What about something like:

'Twin Pipes'

...just to get away from the TT in every title...


----------



## Rhod_TT

Torque is currrently the name of the Peugeot Sport Clum magazine so for me that's well off limits (being an 205 owner in the past). TTorque for a letters/disscussion page would work great though.

Isn't T-Total someone who doesn't drink alcohol?

They do all look a bit MaxP (no offence) but I can't think of anything else at the moment. Something a bit more presttigious perhaps.

BeasTTy's got the right idea.

Rod


----------



## djp10tt

> Some of these names are a bit Max Power aren't they? Did like someone's suggestion of AbsoluTTe. Subtle and defined the TT. After all, the Scooby mag we were shown was called True Grip, no Scooby mentioned in the title and has a professional sound to it.


Someone say subtle *subTTle*


----------



## scoTTy

Things like Twin Pipes and Quattro do not include all the potential members. When the 150TTR comes out this may not dissuade them but it certainly won't encourage them.

You also can't really have TTurbo coz of the V6.

"Polishers and Punishers" seems to sum up everyone here! : (It's a joke by the way, not a serious suggestion!)


----------



## Wak

ExciTTe was my choice, sums up everyones feeling IMO!

but PC suggested "The Big TTissue" which I liked as well!  ;D ;D


----------



## KevinST

All - I've moved this to the TTOC forum as it's a TT Owners club related thread.


----------



## nutts

> All - I've moved this to the TTOC forum as it's a TT Owners club related thread.


If the TTOC and TTforum are to happily co-exist (which I WANT them to), we need just a little flexibility (unless there's been major complaints over a NON TT thread in the TT Forum room), to gain maximum explosure to a fairly important decision!!! :-/ :-/


----------



## KevinST

As this is a TTOC related matter, and we have a TTOC dedicated forum... surely it makes sense to have the TTOC related discussions in the TTOC forum??? that way people who are not in the TTOC don't have to see the messages.
The TTOC has the first location in the list of forums as it is !

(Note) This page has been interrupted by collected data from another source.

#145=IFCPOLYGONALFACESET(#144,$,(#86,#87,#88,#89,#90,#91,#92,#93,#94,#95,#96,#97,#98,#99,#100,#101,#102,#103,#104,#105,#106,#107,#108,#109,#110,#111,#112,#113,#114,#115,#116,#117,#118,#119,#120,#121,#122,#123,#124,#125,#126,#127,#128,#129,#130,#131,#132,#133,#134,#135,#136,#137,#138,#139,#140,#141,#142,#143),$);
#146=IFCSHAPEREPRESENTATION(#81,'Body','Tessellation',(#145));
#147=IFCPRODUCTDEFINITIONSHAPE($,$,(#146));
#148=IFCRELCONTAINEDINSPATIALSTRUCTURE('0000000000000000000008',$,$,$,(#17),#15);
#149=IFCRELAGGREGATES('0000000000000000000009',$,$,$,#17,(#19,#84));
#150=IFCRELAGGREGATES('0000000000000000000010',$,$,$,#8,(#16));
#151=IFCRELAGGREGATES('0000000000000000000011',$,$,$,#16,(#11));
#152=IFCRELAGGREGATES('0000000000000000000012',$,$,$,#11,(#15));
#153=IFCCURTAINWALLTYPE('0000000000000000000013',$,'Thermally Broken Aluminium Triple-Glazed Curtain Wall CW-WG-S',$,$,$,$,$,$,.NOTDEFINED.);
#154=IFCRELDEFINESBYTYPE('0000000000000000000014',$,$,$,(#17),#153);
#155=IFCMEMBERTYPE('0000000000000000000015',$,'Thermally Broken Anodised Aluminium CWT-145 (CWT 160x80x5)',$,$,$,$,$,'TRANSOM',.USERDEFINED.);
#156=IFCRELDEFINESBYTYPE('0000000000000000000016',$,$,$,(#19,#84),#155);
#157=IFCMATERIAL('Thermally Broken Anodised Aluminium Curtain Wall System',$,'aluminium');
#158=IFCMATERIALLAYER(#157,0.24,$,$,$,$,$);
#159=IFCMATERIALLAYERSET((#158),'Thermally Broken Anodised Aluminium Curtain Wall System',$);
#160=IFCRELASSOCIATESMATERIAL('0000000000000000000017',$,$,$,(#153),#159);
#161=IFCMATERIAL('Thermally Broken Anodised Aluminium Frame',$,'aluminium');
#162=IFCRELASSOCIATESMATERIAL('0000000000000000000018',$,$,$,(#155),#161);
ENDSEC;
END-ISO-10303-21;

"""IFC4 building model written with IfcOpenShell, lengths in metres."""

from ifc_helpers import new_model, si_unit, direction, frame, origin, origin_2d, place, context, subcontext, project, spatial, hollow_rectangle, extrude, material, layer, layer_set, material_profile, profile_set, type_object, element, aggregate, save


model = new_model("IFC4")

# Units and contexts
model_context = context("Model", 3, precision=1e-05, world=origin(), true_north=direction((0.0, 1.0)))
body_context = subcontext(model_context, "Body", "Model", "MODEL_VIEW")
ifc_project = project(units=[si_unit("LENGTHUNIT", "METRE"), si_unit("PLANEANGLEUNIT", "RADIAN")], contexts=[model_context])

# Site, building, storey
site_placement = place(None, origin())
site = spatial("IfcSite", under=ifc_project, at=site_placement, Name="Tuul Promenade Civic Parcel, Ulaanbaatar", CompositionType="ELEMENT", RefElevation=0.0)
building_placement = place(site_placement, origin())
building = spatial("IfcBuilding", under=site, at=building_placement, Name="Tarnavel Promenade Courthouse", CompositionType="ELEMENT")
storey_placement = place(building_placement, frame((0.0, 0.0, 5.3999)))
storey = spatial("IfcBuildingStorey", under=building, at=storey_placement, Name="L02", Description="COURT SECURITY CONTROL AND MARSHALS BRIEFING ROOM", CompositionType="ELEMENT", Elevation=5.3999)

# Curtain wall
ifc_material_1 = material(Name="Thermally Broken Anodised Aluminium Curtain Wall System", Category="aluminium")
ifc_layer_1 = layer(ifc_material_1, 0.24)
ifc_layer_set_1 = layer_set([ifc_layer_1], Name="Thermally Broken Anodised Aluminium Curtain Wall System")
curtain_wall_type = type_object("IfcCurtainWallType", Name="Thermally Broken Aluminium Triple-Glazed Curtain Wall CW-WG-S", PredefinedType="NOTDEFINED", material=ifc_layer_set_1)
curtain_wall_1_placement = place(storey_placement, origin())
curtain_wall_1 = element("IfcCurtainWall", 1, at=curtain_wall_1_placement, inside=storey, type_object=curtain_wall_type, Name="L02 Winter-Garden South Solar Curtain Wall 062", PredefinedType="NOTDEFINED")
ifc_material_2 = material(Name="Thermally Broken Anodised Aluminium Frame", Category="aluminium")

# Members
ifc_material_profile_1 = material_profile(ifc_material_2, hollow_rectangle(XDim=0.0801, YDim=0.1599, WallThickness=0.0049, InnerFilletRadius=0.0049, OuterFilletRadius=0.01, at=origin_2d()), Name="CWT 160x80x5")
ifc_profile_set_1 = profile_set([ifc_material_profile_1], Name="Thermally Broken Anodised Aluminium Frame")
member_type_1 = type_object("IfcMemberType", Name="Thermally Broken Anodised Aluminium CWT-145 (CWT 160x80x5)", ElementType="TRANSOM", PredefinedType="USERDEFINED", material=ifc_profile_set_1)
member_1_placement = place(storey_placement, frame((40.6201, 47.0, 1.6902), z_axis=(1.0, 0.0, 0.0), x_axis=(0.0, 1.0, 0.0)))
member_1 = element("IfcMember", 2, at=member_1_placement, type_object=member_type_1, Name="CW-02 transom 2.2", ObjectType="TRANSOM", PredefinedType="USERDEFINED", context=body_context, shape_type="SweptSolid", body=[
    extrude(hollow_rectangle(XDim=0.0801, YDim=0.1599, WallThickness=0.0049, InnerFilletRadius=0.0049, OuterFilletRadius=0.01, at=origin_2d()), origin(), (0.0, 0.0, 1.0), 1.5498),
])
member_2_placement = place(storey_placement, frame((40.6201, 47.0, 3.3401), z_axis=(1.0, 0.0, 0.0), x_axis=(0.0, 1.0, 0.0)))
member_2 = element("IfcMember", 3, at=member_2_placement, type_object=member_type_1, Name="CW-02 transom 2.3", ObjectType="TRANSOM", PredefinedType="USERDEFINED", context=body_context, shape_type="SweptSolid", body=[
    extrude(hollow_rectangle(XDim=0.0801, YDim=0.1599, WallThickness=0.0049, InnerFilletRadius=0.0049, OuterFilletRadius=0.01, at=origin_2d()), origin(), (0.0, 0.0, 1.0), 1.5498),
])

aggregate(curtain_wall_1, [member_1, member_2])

Tell ya wht - I'll put a sticky, locked thread in the TT-Owners forum pointing to this thread - happier now?? :-/


----------



## nutts

> Am I being really dumb but what about:
> 
> UK TTOC Magazine or TT Magazine
> 
> Plain & simple - it does exactly what it says on the tin.....
> 
> Andy


Andy,

We are trying purvey the sense of a TT as the magazine name...... trying to conjure an image that ExciTTes, so to speak.........


----------



## nutts

> As this is a TTOC related matter, and we have a TTOC dedicated forum... surely it makes sense to have the TTOC related discussions in the TTOC forum??? that way people who are not in the TTOC don't have to see the messages.
> The TTOC has the first location in the list of forums as it is !
> 
> Tell ya wht - I'll put a sticky, locked thread in the TT-Owners forum pointing to this thread - happier now?? Â :-/


Eventually the use of the TTOC forum will be better, but most people still reside in the TTforum room, so yes thanks Kev for placing a locked sticky thread for a week or so in the main forum. Cheers  

btw no-one is in the TTOC yet ;D ;D not until we have the on-line subscription running (very shortly)


----------



## baker

I could set up a poll with more than 10 options especially for this subject if you wish?

Let me know.

Andrew


----------



## nutts

Andrew,

That would be great ;D Once complete, let me know and I'll input ALL the options and we'll re-run the poll.

Thanks

Mark


----------



## KevinST

The problem with too many options is that unless there's a very clear favorite you'll get an even spread of opinion - you may even find that the winner wins by a single vote!
I think that Mark had the right idea and chose 10 most mentioned and place them up for vote (even though he didn't choose my suggestion :'(  )


----------



## baker

Now What?

How many options do you need?


----------



## nutts

Maybe I can poll ALL of them and at the end of the poll, then choose the top 10 and re-poll? This make certain of a clear winner?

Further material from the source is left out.